GETTING A CLOSER LOOK
Raising or lowering the slide platform will focus the image of the specimen
DID YOU KNOW? The first recorded attempt at using light to magnify images dates to the 1st century CE
Dutch spectacle-maker Zacharias Janssen is credited as the person who put together the world’s first two-lensed microscope around 1600, which could magnify an object up to 30 times. Since then, the instrument has evolved and diversified dramatically to offer extraordinary magnifications and clarity. The world’s highest resolution microscope, which uses a method called electron ptychography, can magnify atoms 100 million times. However, the microscopes found in a high-school laboratory are usually compound light microscopes with a maximum magnification of up to 1,000x. To achieve a high magnification, optical microscopes use a series of lenses that alter the path of light to produce an enlarged image of a specimen. The lenses are biconvex, meaning both sides are curved.
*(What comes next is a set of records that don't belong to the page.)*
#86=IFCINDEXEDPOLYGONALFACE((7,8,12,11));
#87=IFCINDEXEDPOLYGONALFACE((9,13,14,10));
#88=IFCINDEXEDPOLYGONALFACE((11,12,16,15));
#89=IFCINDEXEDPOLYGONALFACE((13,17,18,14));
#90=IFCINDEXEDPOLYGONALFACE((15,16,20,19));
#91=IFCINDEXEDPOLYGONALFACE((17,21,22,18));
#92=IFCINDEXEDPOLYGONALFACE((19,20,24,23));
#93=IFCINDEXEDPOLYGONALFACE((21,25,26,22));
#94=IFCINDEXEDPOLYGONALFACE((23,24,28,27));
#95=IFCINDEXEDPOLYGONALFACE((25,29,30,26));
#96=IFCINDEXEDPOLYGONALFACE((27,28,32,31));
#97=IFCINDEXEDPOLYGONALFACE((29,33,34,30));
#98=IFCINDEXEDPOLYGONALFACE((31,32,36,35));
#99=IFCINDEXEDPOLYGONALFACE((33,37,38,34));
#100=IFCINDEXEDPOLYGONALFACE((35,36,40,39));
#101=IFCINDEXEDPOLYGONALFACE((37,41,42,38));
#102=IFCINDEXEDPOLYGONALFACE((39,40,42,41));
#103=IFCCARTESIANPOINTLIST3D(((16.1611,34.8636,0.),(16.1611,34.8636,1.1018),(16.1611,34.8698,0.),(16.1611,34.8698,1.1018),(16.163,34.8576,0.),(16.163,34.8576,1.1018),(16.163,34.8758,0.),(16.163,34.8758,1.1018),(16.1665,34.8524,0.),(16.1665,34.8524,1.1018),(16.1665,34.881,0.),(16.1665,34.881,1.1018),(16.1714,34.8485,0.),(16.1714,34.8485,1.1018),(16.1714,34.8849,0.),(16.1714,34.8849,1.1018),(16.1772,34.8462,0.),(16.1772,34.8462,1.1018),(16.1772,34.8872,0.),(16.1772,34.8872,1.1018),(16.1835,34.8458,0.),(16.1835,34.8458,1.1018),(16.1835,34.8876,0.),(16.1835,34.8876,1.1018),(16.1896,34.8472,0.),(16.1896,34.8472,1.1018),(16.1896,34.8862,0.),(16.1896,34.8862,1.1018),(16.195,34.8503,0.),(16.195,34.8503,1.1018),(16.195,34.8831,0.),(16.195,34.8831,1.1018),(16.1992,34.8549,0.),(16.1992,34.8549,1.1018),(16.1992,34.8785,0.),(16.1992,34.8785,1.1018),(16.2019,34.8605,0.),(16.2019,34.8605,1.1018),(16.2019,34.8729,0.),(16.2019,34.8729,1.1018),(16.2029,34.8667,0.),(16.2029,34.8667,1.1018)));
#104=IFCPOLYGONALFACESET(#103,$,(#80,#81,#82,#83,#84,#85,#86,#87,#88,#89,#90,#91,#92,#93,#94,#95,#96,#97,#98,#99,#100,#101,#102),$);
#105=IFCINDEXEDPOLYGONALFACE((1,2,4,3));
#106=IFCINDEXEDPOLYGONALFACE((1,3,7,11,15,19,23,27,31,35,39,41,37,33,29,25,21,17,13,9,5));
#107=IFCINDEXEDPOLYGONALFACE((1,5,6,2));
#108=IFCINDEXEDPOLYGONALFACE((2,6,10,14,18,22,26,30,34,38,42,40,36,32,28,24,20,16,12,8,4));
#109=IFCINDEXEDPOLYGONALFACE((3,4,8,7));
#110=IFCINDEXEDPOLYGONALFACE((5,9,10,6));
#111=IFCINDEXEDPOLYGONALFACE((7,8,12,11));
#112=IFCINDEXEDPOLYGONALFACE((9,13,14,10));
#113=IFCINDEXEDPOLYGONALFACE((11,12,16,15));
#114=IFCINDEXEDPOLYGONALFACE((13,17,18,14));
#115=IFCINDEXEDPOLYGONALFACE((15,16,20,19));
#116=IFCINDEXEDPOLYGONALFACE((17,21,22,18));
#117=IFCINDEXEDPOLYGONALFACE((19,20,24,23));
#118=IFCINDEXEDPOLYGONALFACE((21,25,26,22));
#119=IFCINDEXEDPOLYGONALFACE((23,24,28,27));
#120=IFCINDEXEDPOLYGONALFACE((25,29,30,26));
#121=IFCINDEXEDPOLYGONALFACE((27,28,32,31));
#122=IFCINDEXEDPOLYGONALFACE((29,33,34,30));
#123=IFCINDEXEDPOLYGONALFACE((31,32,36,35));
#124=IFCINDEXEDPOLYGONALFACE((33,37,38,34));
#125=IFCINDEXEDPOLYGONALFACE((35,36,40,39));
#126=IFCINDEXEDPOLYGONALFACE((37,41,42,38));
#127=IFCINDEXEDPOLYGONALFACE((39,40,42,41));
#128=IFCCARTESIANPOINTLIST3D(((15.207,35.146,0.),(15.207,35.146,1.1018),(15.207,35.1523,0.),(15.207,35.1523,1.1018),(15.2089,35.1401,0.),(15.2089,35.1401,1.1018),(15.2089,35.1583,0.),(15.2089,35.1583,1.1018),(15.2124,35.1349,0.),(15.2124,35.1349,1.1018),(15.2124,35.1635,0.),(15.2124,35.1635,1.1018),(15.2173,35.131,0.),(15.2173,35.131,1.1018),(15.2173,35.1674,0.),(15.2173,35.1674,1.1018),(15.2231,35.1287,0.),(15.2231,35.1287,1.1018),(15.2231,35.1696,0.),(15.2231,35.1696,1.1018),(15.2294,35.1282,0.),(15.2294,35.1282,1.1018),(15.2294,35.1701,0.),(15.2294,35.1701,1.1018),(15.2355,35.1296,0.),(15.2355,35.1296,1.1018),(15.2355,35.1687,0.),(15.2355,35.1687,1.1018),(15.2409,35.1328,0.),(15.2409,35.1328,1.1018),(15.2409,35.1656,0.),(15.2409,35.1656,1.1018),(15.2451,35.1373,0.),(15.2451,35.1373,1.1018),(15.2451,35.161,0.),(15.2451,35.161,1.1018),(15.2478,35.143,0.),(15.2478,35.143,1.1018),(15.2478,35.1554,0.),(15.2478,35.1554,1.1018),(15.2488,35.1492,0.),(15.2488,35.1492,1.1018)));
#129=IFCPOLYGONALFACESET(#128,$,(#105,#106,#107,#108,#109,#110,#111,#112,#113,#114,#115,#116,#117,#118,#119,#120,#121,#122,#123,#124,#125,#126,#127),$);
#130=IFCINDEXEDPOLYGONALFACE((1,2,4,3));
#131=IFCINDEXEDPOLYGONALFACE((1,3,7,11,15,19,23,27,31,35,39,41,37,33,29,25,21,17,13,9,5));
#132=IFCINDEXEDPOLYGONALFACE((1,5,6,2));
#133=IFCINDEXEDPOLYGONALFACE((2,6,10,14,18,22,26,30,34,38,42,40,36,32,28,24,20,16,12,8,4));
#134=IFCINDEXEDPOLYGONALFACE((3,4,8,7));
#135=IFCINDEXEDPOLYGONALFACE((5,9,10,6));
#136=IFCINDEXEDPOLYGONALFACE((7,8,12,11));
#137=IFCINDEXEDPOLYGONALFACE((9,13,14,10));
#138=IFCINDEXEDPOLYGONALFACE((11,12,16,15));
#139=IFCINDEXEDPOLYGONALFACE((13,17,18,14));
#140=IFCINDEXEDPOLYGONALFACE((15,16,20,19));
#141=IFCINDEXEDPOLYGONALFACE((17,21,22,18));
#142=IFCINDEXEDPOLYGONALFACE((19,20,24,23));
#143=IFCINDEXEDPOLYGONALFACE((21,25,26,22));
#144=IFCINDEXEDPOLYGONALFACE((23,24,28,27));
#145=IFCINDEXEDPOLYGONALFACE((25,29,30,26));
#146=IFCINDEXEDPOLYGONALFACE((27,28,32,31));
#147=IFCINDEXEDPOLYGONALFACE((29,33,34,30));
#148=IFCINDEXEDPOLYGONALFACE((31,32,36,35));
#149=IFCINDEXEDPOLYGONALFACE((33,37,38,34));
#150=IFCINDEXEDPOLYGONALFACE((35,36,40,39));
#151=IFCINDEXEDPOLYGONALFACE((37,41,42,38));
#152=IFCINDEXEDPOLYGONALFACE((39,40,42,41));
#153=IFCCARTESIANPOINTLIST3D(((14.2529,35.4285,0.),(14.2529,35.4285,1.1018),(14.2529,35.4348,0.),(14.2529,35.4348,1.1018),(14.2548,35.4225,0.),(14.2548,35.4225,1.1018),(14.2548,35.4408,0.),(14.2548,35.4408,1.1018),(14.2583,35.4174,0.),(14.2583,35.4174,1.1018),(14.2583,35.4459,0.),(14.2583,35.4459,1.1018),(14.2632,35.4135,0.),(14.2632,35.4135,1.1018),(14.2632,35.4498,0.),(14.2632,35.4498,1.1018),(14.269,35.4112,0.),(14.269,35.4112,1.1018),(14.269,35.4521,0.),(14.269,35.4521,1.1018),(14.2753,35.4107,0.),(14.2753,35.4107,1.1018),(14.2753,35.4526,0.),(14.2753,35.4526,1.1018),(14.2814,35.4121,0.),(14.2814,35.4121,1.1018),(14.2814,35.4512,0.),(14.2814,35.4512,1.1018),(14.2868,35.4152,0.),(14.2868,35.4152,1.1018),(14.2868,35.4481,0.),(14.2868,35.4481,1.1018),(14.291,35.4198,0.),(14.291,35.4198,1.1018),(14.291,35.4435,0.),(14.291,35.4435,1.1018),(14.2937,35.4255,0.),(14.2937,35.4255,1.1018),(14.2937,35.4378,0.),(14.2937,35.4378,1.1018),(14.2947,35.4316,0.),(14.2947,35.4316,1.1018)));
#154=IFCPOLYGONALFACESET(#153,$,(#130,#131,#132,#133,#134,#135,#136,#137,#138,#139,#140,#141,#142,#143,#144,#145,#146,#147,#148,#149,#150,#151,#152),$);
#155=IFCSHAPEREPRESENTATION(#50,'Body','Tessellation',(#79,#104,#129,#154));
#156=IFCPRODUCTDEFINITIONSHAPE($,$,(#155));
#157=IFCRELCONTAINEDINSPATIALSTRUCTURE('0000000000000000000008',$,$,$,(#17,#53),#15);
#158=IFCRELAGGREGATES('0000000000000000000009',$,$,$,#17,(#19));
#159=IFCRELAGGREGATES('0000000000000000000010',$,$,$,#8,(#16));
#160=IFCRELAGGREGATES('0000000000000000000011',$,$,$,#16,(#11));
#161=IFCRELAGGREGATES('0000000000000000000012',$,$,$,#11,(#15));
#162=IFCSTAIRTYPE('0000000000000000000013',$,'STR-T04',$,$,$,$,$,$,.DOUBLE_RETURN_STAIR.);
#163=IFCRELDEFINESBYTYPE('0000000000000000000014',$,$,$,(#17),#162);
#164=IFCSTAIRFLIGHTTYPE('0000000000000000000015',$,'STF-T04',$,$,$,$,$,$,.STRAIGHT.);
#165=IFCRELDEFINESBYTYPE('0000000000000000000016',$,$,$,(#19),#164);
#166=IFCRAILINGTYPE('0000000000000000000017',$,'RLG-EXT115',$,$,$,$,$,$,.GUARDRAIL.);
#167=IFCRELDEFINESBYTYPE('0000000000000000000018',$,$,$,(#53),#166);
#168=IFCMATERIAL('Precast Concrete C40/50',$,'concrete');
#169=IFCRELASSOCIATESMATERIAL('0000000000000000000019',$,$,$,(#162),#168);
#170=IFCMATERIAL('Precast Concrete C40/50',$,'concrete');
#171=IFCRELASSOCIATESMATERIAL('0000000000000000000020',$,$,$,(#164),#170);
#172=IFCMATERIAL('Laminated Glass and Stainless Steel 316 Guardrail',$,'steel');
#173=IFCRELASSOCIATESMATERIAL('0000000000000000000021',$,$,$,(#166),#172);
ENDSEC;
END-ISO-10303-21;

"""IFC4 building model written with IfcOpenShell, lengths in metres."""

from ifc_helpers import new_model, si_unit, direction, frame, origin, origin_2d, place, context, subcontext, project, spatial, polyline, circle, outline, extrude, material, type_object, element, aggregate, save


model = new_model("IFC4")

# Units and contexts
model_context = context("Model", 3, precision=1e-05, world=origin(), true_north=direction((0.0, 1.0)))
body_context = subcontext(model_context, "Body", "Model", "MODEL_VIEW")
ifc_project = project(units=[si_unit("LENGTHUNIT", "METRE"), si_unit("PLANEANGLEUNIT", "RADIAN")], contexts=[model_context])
When light passes from the specimen towards the eye, it’s refracted by the shape of the lens. Lenses closest to the specimen, called objective lenses, invert and magnify the image, which is further magnified by a lens in the eyepiece. The combination of these lenses provides the overall magnification of the microscope. For example, if the objective lens gives a magnification of 10x and the eyepiece gives the same, the overall magnification would be 100x.